Rising need for home health care puts pressure on medicare. Critics say US has not set fair payment criteria
| Washington
One of the lesser-known parts of the sprawling US medicare system is also the fastest growing and the subject of rising controversy. It is the home health care program, designed for people who are ``homebound,'' and need ``intermittent'' skilled care from nurses and nurses aides.
At issue is fairness to taxpayers and private organizations which provide services, and equity to older Americans in need of physical assistance. The issue involves the question: Are these Americans obtaining the care at government expense for which many are eligible?
The Department of Health and Human Services (HHS) has begun a reorganization of one aspect of the program which it says should end some criticisms. However, it is uncertain whether the move will blunt all criticism by certain members of Congress and other organizations.
A study recently released by the American Association of Retired Persons, for instance, says that despite growing demand for home health care, the government is seriously restricting older Americans' access to benefits.
Critics charge that criteria are too vague for determining when the federal government will pay for the skilled nursing care in the home of older Americans, and that the HHS administration is informally telling agencies that they must refuse more claims for such payment - a charge denied by the government.
In 1983 the federal government began a major effort to hold down costs of the medicare system, which was then facing the prospect of bankruptcy within a decade. A significant portion of that effort was to see that hospitals did not keep patients overly long; persons who could be aided as well in nursing facilities, or their own homes, were to be sent there rather than retained in the hospital.
In large part as a result, agencies that provide nursing services to people in their own homes report a 37 percent increase in the number of medicare patients they have aided since 1983.

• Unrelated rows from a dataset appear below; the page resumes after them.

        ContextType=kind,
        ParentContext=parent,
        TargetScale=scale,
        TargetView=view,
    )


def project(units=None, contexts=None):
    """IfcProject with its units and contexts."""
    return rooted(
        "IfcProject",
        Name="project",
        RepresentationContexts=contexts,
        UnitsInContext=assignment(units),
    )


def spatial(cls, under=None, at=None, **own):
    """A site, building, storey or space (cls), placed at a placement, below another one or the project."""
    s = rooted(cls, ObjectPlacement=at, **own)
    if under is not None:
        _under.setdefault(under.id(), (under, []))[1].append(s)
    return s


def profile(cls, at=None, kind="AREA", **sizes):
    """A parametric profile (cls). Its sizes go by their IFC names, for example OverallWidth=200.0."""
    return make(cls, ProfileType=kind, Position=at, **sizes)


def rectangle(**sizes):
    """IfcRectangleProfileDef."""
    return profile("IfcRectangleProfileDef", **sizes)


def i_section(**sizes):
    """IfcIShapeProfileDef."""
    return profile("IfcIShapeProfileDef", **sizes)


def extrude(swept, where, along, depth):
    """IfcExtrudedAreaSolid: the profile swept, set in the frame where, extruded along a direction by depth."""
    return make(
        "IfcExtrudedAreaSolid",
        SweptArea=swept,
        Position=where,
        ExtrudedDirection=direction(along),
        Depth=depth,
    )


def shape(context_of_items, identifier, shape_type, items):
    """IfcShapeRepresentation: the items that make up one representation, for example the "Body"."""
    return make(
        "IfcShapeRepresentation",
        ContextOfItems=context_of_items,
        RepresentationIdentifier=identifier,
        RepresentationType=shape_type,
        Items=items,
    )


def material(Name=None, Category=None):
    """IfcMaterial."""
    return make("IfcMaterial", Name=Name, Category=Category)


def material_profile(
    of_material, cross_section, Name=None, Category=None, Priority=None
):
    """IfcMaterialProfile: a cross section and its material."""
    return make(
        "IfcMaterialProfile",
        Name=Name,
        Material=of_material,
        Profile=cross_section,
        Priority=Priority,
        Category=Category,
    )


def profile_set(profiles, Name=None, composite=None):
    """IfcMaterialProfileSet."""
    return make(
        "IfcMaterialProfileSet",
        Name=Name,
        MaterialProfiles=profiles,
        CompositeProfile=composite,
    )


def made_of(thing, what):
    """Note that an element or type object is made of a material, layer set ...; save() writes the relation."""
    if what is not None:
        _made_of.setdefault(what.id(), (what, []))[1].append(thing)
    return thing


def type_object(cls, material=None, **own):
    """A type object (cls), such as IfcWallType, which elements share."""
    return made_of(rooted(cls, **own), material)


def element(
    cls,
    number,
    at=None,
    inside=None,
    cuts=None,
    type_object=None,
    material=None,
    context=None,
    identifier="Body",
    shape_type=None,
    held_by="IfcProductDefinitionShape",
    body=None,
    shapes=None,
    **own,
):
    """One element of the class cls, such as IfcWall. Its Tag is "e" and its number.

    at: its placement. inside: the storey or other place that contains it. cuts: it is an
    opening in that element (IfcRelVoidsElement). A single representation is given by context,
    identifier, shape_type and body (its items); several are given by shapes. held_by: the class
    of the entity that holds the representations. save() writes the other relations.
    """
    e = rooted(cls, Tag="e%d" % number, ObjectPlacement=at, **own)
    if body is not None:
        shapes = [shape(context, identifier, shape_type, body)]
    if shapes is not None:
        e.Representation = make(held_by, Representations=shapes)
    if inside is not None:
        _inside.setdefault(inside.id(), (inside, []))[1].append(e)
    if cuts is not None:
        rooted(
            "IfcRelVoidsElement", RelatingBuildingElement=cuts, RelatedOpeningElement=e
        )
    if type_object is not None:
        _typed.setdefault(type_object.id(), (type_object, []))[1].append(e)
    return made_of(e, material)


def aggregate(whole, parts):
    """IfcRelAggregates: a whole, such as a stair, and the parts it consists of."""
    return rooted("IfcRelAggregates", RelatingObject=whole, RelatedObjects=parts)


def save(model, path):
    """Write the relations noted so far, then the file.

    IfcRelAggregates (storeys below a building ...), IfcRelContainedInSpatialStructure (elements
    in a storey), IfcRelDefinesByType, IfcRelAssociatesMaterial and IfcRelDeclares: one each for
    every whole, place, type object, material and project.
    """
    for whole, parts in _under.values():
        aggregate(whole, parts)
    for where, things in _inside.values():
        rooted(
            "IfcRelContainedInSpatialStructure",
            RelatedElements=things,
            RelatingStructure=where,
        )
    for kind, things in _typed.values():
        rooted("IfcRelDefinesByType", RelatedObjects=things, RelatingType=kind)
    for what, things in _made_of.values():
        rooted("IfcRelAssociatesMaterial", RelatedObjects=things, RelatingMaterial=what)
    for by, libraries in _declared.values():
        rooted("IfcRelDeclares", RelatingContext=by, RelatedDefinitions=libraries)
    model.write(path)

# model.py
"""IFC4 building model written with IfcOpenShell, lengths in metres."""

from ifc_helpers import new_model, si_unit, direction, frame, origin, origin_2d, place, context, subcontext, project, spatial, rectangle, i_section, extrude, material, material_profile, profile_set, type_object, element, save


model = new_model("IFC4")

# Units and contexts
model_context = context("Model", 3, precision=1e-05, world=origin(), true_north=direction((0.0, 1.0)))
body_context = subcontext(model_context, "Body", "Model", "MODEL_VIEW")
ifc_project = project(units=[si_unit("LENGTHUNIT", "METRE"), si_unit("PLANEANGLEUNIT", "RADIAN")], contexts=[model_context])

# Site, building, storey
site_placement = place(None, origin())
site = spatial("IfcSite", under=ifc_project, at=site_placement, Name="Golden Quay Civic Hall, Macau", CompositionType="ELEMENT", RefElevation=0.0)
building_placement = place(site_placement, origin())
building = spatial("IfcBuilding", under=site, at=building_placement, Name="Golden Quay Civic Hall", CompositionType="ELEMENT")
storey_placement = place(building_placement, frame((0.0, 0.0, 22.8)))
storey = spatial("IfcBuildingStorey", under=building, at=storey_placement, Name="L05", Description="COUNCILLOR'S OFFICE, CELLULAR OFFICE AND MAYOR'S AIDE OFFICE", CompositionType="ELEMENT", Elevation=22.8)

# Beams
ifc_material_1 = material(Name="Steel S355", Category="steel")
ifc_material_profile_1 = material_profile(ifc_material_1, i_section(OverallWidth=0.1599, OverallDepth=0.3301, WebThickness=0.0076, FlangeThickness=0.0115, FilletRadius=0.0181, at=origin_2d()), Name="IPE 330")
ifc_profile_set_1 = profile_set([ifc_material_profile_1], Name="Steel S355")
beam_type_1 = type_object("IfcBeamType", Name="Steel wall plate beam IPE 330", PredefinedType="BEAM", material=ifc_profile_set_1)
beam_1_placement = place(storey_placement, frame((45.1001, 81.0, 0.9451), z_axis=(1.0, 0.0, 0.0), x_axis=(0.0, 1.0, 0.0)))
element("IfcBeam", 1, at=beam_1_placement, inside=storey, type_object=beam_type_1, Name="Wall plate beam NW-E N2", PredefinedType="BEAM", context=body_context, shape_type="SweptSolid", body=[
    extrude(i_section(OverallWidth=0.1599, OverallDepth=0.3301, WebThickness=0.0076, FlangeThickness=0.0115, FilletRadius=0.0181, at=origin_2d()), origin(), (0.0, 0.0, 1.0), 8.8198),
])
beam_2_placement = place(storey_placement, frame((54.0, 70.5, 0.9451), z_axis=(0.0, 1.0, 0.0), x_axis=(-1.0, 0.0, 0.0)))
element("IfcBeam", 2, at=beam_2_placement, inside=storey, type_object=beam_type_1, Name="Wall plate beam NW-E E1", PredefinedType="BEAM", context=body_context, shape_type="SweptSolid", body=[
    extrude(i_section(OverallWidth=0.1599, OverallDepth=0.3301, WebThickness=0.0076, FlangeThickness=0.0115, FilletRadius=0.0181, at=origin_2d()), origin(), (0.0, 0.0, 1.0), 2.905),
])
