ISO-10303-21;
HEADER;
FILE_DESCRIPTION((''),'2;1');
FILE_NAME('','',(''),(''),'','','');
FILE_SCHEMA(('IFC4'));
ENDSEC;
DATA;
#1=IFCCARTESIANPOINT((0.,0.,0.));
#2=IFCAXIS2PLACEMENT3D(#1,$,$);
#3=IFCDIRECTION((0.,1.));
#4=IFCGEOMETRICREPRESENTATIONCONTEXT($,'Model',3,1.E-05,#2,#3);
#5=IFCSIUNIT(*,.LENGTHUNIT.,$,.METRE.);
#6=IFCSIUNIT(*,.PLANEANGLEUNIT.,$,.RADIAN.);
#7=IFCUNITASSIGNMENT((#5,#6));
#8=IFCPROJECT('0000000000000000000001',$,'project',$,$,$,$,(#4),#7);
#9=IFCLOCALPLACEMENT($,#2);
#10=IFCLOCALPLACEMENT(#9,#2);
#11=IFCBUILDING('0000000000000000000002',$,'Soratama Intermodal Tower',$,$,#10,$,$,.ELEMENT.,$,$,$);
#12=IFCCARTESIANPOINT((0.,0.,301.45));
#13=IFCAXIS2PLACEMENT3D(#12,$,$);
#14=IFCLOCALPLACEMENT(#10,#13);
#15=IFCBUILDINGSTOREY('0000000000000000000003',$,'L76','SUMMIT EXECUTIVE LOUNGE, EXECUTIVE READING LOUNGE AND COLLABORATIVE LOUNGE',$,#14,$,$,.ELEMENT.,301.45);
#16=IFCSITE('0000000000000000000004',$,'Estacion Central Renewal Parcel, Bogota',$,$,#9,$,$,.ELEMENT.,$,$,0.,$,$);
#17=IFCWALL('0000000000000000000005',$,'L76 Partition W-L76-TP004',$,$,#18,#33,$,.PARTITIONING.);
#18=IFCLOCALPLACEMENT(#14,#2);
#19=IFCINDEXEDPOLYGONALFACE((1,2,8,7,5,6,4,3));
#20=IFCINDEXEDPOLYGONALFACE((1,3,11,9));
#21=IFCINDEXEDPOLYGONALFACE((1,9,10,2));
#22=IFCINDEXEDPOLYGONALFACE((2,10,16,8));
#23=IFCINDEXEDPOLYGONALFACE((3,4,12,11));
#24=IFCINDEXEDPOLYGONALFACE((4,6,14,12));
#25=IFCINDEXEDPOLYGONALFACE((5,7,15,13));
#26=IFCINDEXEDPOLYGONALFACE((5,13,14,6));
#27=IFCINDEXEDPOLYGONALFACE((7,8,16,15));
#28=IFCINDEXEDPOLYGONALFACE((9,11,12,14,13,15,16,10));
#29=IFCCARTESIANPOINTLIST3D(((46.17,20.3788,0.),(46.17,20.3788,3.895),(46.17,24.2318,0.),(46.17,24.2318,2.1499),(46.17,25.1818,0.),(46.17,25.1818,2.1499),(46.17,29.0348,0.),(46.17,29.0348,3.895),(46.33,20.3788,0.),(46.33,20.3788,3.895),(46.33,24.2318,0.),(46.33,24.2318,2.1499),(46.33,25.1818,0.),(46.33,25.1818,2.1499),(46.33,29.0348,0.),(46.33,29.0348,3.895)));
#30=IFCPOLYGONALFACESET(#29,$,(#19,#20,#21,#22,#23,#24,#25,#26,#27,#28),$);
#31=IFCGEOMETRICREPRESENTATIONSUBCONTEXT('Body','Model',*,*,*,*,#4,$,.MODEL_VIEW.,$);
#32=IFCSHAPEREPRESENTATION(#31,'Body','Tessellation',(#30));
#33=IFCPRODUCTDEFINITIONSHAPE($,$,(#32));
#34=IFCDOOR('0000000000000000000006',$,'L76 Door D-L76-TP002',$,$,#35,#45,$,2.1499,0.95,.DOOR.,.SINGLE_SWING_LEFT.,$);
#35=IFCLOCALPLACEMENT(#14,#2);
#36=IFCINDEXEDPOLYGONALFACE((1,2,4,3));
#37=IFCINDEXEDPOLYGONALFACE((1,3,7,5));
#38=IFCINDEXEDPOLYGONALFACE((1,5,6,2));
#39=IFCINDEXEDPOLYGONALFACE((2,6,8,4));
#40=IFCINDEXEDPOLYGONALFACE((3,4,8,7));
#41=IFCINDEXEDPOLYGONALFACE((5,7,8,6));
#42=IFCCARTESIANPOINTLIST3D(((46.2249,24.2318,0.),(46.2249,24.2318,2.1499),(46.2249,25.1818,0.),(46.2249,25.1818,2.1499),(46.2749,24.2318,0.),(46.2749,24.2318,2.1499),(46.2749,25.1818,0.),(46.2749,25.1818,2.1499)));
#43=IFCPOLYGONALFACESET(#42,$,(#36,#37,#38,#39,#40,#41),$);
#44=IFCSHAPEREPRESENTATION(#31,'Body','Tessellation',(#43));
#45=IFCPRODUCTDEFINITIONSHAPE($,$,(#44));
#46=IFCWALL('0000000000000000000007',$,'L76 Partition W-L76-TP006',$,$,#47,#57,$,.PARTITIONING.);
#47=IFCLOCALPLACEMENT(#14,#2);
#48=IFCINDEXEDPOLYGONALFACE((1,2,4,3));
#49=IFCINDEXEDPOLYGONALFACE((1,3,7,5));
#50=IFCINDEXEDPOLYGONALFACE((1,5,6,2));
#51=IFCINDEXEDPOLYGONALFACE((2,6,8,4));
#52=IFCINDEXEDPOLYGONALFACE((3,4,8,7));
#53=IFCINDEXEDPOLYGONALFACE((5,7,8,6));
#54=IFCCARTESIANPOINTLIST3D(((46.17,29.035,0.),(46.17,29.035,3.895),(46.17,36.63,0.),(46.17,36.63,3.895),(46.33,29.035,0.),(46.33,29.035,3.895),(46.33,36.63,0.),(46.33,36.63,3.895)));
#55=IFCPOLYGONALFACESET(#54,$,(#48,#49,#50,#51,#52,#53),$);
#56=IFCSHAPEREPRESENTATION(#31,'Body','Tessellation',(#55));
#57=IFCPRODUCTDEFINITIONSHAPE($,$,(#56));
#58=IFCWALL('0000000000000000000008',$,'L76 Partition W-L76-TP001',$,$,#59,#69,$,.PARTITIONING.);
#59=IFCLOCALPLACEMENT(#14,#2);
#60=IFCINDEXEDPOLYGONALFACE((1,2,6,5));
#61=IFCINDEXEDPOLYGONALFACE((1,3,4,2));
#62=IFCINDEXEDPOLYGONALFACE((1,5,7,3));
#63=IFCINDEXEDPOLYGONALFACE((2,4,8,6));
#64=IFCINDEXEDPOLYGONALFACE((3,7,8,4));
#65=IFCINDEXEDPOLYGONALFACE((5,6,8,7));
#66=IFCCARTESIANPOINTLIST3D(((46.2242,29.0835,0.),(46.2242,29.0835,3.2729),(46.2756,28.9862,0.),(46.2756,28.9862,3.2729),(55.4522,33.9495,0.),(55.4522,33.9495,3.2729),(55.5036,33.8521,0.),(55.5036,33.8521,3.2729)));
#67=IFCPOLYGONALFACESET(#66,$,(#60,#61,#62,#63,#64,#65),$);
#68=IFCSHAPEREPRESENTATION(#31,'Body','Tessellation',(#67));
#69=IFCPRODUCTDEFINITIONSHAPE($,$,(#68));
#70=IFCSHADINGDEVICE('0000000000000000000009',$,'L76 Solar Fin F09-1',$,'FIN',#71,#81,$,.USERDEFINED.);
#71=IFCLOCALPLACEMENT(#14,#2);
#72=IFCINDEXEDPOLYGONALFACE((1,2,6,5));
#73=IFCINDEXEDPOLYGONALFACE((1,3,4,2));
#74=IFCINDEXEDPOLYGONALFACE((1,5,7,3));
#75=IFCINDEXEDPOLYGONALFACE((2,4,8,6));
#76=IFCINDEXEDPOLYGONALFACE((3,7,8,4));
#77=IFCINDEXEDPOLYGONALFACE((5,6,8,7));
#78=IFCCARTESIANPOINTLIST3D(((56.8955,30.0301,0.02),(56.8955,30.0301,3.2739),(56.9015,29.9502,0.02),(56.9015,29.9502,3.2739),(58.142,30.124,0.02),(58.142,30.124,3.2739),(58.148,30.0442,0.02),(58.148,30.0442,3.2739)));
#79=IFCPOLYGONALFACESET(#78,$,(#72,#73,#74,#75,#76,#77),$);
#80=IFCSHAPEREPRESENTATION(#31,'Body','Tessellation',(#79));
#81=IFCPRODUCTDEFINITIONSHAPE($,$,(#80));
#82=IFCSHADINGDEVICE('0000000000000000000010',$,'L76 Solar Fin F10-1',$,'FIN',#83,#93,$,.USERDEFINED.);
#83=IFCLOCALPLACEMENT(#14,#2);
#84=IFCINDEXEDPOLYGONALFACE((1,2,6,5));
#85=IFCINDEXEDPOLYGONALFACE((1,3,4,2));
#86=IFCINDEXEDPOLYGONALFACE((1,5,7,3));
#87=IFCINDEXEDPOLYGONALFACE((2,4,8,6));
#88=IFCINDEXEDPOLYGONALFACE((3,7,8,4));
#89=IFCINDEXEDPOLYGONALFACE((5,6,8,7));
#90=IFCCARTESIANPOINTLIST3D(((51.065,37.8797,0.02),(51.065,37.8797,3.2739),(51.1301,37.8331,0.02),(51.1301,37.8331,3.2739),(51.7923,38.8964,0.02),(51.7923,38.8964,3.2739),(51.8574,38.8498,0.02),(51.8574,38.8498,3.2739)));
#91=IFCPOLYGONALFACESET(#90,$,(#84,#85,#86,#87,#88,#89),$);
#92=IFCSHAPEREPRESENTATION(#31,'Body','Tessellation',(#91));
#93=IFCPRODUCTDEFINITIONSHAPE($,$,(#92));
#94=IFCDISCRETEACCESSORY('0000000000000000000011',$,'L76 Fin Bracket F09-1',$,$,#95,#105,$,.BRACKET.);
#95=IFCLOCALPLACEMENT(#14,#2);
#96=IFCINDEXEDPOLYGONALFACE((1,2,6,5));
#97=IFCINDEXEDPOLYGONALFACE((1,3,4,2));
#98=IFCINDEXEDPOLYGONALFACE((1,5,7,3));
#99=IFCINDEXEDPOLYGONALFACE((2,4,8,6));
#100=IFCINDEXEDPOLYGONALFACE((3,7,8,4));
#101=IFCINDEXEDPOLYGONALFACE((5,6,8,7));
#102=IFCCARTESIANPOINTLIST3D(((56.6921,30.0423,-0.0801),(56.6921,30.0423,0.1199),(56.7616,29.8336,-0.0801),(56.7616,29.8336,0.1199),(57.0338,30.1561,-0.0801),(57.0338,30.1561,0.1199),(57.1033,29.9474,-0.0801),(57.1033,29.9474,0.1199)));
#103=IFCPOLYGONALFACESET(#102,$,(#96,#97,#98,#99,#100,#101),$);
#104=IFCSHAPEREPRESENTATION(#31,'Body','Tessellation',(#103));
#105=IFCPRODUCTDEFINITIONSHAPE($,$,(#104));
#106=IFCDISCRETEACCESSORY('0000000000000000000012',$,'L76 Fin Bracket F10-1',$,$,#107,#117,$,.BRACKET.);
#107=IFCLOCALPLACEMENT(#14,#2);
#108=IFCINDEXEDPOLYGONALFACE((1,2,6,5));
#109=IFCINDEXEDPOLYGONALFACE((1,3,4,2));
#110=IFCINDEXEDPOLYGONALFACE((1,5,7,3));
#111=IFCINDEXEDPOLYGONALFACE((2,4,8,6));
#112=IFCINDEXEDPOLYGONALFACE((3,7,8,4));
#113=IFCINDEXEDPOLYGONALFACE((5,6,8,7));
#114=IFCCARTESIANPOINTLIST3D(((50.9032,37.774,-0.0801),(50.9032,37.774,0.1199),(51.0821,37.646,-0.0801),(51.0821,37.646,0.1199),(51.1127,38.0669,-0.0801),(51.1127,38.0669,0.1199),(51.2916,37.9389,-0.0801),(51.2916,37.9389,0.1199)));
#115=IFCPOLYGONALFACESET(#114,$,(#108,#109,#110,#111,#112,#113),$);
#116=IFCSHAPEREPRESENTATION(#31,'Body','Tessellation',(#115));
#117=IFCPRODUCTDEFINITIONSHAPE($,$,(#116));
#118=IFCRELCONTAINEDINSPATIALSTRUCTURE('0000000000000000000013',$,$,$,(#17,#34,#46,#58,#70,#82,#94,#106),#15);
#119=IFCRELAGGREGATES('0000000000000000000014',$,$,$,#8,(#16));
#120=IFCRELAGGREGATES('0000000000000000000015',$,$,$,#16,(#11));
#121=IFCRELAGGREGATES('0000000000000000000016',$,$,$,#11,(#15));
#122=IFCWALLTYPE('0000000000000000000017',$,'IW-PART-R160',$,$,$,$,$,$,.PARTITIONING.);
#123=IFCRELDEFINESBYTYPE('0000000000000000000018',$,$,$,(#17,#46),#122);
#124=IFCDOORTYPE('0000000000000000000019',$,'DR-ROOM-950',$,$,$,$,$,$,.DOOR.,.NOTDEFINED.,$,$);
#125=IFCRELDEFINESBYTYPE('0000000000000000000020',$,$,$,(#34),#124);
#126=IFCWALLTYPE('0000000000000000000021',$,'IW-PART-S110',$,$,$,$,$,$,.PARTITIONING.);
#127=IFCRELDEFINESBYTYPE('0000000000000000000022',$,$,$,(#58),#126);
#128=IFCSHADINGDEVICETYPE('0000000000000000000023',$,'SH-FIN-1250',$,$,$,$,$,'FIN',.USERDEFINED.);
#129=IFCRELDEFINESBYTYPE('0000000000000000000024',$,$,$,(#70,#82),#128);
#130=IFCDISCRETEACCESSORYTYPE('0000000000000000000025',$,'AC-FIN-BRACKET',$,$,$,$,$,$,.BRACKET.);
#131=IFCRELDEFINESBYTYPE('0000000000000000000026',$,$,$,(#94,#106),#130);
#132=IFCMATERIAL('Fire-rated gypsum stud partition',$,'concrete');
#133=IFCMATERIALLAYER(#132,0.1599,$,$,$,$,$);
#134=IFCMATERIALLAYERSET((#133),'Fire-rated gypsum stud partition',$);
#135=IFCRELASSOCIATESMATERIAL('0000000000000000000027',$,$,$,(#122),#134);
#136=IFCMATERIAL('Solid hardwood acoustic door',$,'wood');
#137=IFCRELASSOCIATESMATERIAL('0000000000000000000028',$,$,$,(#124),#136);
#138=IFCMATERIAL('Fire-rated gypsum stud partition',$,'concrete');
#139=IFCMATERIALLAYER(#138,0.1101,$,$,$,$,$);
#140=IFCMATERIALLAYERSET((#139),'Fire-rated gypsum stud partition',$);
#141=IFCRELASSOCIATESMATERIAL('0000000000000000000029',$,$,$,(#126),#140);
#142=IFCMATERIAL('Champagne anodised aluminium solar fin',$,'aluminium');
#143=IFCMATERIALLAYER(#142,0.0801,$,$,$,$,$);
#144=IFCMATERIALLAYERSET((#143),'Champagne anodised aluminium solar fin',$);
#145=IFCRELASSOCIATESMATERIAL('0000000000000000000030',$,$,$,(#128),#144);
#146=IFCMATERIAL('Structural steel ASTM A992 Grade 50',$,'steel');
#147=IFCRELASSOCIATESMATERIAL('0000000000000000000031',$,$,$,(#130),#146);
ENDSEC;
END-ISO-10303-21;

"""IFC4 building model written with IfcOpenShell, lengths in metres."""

from ifc_helpers import new_model, si_unit, direction, frame, frame_2d, origin, origin_2d, place, context, subcontext, project, spatial, rectangle, extrude, material, layer, layer_set, type_object, element, fill, save


model = new_model("IFC4")

# Units and contexts
model_context = context("Model", 3, precision=1e-05, world=origin(), true_north=direction((0.0, 1.0)))
body_context = subcontext(model_context, "Body", "Model", "MODEL_VIEW")
ifc_project = project(units=[si_unit("LENGTHUNIT", "METRE"), si_unit("PLANEANGLEUNIT", "RADIAN")], contexts=[model_context])

# Site, building, storey
site_placement = place(None, origin())
site = spatial("IfcSite", under=ifc_project, at=site_placement, Name="Estacion Central Renewal Parcel, Bogota", CompositionType="ELEMENT", RefElevation=0.0)
building_placement = place(site_placement, origin())
building = spatial("IfcBuilding", under=site, at=building_placement, Name="Soratama Intermodal Tower", CompositionType="ELEMENT")
storey_placement = place(building_placement, frame((0.0, 0.0, 301.45)))
storey = spatial("IfcBuildingStorey", under=building, at=storey_placement, Name="L76", Description="SUMMIT EXECUTIVE LOUNGE, EXECUTIVE READING LOUNGE AND COLLABORATIVE LOUNGE", CompositionType="ELEMENT", Elevation=301.45)

# Wall, opening, door
ifc_material_1 = material(Name="Fire-rated gypsum stud partition", Category="concrete")
ifc_layer_1 = layer(ifc_material_1, 0.1599)
ifc_layer_set_1 = layer_set([ifc_layer_1], Name="Fire-rated gypsum stud partition")
wall_type_1 = type_object("IfcWallType", Name="IW-PART-R160", PredefinedType="PARTITIONING", material=ifc_layer_set_1)
wall_1_placement = place(storey_placement, frame((46.25, 29.0349, 0.0), z_axis=(0.0, 0.0, 1.0), x_axis=(0.0, -1.0, 0.0)))
wall_1 = element("IfcWall", 1, at=wall_1_placement, inside=storey, type_object=wall_type_1, Name="L76 Partition W-L76-TP004", PredefinedType="PARTITIONING", context=body_context, shape_type="SweptSolid", body=[
    extrude(rectangle(XDim=8.656, YDim=0.1599, at=frame_2d((4.3281, 0.0))), origin(), (0.0, 0.0, 1.0), 3.895),
])
opening_1_placement = place(wall_1_placement, frame((3.853, 0.0, 0.0)))
opening_1 = element("IfcOpeningElement", 2, at=opening_1_placement, cuts=wall_1, PredefinedType="OPENING", context=body_context, shape_type="SweptSolid", body=[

The way this home care system works, agencies provide the medical services to medicare patients. The agencies then ask designated institutions, such as insurance agencies under contract to the federal government, to provide payment with medicare funds.
If the request is approved, Uncle Sam provides the money; if it is turned down, the agencies are likely out of pocket, although for a modest number of cases the federal government will provide funding anyway. The number of these denials of payment have tripled since early 1983, although only a very small percent of claims are refused.
A report of the Senate Special Committee on Aging this summer charged that HHS ``uses unwritten and unpublished guidelines to limit the medicare home health benefit.'' The implication is that the judgment is based on financial or arbitrary reasons, and irrespective of the medical validity of the claim.
HHS strongly denies the charge. ``We want the people that are homebound and need home health care to get it,'' says a spokesman. ``But those that can get out to doctors and clinics should do so.''
This response leads to the subject of the controversy: the vagueness of two principal eligibility requirements - that persons must be ``homebound,'' and must require ``intermittent'' care.
Critics charge that an increasing number of patients in very difficult physical straits are effectively homebound yet adjudged ineligible because, with considerable assistance from family and friends, they are able to be taken to a physician once a month.
Further, critics say a ruling on eligibility often depends on which financial agency passes on the claim. In an effort to make the judgments more uniform, HHS last month began reducing the number of these agencies from 52 to 10.